More on topic, imagine that you try to retire with $500k in the bank at 35.
Even if you're willing to slum it at $20k/year for the rest of your life,
you'll only make it to 60! And that's ignoring the elephant in the room,
inflation. With mandatory health insurance, $20k/year's going to be tough to
clear too. You're probably going to have to seek disability status to qualify
for government assistance at some point if you are fixed on the "early
retirement" goal.

Now, it's not like you're going to throw the $500k in a mattress. Surely some
combination of bonds, index funds and specie can spare you from the worst of
outcomes. I don't know about you, but all of this sounds like a mean and
tentative existence to me, babysitting a nest egg.
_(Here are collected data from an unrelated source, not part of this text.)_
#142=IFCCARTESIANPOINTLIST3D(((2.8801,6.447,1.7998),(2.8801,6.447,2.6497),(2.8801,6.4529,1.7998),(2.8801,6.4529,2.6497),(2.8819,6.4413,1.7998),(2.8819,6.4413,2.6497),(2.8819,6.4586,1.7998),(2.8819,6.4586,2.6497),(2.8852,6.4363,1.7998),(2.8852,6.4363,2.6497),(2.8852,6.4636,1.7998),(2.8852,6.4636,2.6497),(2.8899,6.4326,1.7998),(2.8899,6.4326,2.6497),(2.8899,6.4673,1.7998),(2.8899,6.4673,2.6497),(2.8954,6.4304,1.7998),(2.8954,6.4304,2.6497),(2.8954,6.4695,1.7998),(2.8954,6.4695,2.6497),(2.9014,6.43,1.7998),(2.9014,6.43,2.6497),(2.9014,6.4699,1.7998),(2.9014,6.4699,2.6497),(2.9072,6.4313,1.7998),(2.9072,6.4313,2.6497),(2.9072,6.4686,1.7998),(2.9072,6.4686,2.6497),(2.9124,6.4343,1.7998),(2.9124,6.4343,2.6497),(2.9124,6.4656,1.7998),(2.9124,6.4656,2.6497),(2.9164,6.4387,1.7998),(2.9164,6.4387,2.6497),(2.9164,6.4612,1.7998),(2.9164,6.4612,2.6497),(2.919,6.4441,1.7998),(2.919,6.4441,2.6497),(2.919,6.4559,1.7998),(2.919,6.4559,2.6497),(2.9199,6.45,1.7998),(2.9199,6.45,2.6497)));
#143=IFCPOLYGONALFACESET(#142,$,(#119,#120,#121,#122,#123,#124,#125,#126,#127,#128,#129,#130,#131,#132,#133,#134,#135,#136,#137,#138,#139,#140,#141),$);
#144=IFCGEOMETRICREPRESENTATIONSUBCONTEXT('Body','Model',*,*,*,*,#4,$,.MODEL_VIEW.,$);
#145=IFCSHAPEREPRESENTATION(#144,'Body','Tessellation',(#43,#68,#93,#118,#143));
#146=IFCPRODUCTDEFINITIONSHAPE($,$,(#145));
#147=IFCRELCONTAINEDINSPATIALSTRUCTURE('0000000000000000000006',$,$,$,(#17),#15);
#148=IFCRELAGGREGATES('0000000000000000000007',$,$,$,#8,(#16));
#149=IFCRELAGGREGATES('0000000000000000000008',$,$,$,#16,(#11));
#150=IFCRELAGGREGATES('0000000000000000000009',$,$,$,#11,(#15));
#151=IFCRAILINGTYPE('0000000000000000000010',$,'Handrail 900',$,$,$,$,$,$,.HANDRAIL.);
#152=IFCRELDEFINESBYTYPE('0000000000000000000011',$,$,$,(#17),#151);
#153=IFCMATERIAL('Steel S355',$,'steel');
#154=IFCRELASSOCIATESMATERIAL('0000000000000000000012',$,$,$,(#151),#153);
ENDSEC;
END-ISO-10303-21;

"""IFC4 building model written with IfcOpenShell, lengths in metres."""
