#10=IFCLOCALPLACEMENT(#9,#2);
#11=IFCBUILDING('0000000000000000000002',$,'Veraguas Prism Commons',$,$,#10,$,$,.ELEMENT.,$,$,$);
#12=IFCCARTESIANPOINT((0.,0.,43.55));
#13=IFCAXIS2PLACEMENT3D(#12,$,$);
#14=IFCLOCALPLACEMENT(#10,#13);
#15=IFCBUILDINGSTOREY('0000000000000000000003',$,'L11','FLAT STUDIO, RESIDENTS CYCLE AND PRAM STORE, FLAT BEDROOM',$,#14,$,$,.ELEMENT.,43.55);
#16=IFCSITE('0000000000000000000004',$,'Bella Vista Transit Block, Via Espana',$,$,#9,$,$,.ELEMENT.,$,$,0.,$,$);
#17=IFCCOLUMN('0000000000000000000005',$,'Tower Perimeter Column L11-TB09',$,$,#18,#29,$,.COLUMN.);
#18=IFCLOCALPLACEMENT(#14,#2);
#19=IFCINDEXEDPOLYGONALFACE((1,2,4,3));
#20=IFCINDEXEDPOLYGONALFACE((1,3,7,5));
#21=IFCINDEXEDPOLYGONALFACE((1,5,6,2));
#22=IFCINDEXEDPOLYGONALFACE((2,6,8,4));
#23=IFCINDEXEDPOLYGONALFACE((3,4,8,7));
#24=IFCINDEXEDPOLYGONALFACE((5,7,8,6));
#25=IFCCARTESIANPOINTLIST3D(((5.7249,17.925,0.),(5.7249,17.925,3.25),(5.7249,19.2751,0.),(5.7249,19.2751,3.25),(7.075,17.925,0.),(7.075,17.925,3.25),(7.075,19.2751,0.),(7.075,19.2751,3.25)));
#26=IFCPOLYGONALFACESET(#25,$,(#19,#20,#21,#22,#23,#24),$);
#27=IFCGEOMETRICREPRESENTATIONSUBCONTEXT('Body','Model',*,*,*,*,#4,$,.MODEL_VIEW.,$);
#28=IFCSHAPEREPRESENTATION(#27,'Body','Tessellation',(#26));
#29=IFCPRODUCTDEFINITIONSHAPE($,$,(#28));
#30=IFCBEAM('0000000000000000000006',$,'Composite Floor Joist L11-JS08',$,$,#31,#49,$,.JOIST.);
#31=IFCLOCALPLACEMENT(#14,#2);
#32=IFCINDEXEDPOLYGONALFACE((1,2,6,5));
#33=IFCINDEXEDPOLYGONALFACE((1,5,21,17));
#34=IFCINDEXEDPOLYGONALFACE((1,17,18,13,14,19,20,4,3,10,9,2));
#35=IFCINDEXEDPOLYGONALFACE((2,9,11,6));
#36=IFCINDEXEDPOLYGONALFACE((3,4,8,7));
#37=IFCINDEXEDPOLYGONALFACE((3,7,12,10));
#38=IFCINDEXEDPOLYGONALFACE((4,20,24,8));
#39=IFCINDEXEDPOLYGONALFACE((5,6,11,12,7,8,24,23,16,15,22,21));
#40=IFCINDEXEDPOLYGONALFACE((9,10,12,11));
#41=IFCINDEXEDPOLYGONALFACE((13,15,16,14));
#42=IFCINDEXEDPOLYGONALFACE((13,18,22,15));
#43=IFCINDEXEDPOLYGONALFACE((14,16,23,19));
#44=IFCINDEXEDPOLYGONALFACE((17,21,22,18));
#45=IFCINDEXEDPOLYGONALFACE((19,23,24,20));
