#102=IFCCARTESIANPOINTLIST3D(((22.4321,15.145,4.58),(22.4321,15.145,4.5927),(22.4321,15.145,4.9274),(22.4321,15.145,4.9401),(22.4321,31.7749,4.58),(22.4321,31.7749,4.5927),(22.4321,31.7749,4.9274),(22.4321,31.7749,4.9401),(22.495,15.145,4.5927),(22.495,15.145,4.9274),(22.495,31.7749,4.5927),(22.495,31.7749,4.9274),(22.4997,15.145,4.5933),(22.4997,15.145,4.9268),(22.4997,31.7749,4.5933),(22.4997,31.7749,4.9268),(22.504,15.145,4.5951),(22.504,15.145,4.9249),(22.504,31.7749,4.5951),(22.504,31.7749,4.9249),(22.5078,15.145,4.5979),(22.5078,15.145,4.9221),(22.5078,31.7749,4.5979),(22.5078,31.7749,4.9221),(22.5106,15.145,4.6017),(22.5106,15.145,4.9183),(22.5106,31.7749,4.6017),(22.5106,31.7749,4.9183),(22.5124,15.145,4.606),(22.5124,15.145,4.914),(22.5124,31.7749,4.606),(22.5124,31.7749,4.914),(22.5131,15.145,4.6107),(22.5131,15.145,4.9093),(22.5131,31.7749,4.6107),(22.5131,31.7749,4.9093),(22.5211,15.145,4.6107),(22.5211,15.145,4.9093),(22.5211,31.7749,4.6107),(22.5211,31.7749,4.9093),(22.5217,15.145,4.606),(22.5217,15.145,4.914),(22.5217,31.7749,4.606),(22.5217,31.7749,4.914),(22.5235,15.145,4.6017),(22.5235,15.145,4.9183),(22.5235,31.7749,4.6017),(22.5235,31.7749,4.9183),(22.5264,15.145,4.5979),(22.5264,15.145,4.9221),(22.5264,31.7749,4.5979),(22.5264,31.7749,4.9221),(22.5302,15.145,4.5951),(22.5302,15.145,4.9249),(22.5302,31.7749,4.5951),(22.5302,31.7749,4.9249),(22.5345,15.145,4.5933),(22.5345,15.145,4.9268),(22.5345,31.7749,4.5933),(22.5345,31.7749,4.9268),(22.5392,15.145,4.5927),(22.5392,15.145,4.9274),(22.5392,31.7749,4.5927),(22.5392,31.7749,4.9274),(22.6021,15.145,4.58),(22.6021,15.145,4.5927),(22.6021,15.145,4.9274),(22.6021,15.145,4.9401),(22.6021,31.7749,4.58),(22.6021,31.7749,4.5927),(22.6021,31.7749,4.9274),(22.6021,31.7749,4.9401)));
There's not much wiggle-
room for taking risks, like starting a business that's more interesting than
"freelance programmer."

In summary, I doubt that one can retire early with any comfort off of a decade
of decent earnings. That's not really controversial, but it disagrees with
your financial advice, which I suspect is dangerous. I think it's a bit
irresponsible to suggest that somebody spend the prime of their life squeezing
out every last penny. I think it's unrealistic to suggest that the difference
in rent between a convenient walking commute and a safe, 10-mile bicycling
commute can equal the budgeting difference you've proposed. Lastly, you're
ignoring the opportunity cost of living like a monk when it comes to
professional networking, or more important things like having a varied and
healthy social life.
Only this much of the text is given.